Quick’s First Name Was Not Released
Quick told DailyMail that he had no clue Mr. Green was at work. He admitted that he had gone to college with Mrs. Howser, but that he hated both her and her husband. “Their paper was nothing but a gossip rag which destroyed some people’s reputations. If the upshot of this is that they had to fold the paper, then I am glad. Jack and Angela Howser are awful people.” Quick said that the midnight raid was two days before Sheriff Adams almost lost the re-election. “I have always thought that he did this because he did not want bad stuff written about him so close to the election.”
While It Didn’t Take Long For Her To Get Out, It Wasn’t The End For Mrs. Green
Mrs. Green got out on the 300 dollar bail not long after being arrested. Mr. Howser made a separate claim the following morning. He said that Jade had failed to return a cellphone memory card containing the home phone numbers and all of the newspaper’s contacts.
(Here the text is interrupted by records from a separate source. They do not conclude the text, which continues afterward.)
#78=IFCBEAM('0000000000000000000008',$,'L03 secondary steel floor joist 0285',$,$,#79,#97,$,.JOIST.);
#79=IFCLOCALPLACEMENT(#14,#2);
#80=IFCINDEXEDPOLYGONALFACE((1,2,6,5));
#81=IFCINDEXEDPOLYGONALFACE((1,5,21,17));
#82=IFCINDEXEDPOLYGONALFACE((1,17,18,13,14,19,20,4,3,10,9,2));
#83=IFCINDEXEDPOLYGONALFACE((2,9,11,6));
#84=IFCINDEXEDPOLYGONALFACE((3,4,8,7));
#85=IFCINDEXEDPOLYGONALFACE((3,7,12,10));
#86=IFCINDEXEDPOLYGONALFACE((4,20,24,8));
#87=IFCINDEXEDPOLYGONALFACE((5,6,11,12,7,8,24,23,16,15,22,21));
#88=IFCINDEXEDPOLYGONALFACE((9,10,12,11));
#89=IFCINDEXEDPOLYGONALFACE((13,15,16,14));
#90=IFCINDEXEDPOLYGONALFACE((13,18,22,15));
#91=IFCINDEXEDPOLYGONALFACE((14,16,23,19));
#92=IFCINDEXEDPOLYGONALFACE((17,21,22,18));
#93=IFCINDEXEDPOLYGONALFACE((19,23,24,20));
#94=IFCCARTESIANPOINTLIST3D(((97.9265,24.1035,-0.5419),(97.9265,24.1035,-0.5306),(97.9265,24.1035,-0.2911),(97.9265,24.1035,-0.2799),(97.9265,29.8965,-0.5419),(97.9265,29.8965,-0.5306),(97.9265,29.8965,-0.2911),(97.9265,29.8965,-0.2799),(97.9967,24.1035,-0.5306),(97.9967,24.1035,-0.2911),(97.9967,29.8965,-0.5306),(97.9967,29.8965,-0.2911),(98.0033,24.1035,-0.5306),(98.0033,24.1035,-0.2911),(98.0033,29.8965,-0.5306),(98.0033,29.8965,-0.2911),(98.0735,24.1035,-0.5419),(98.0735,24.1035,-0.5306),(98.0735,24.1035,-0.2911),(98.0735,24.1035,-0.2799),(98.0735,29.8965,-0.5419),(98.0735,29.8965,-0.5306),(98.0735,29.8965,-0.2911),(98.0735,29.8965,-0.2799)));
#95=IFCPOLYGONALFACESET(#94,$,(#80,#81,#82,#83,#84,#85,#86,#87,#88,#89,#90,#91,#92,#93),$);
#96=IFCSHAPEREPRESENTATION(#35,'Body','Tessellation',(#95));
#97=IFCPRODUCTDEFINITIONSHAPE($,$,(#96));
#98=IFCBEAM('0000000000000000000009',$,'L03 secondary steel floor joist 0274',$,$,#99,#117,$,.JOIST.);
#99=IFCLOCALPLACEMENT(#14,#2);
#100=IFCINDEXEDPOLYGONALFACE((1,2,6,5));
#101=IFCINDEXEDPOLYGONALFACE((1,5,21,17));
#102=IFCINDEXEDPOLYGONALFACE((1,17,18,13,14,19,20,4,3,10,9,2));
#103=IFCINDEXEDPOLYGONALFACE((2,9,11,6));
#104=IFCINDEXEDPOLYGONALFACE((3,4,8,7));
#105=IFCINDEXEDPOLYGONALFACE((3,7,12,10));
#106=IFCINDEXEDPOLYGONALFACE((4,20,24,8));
Despite the fact that the card held little value and he had other copies of the contacts, he said that he was worried she’d misuse the numbers. She was arrested again, only the bail was 500 dollars. While Mr. Howser was doing that, his wife went to the courthouse in Saline county to take out an emergency order of protection to prevent Mrs. and Mr. Green from seeing their daughter. It took them 16 months to get their daughter back. Though that wasn’t the end of their troubles…
Other Cases
“One time they had us arrested for unlawful communication with a witness, our daughter! It was the only visit we had had with her in five months and it was after the judge said we could speak with her. Then that was dismissed two or three weeks later. I spent a week in jail and Josh spent two weeks in a cell with people he had arrested when he was a police officer,” said Mrs. Green.
The Court
The State Police were considering kidnapping charges against the Howsers. However, their superiors told him to drop the case so it could be dealt with by the Attorney Registration & Disciplinary Committee. At the end of the trial, the Greens were rewarded 250,000 dollars for emotional and mental pain, 100,000 dollars for loss of companionship, 120,000 attorney’s fee and 500,000 dollars in punitive damage. The Howsers are also facing a huge sum to compensate the Greens. The Howsers, of course, fought this. They appealed three times saying that there was not enough evidence to support the decision, the judge should not have excluded certain facts about the Greens, and that a 970,000 dollar reward was too high. However, the judges were having not of it, saying: “We reject all of the Howsers’ arguments.”
The Court Asked How The Howsers Were Going To Pay The Fee?
“We will go back to court and try to conclude the collection process,” said Mrs. Greens lawyer Kent Heller. However, Mrs. Green replied saying that they were wealthy enough. “The newspaper was in 13 counties. They made enough money to be able to get six attorneys throughout this process.” Mrs. Green said that after getting a combined 75,000 dollars from Sheriff Adams and Quick, she had no idea how big the reward from her parents was going to be.
Five Years Later
Mrs. Green said that she hasn’t spoken to her mother at all these past five years, and doesn’t plan to ever again. “I don’t want anything to do with her, I don’t care what she does in her life, I just want her to stay away from mine.” E.W. is now nine-year-old and thriving, though Mrs. Green said that she had to see a therapist. “She was in counseling for quite a while just learning to be a little girl again.”
The Greens still live in Lawrenceville, though not in the house that this all went down in. “We talk about moving out all the time. In Lawrenceville, the police think they can do whatever they want to do and get away with it. It’s not a comfortable town,” said Mrs. Green. Mr. Green is now a police officer at the University of Vincennes, just across the Indiana border. They now have a 1-year-old son.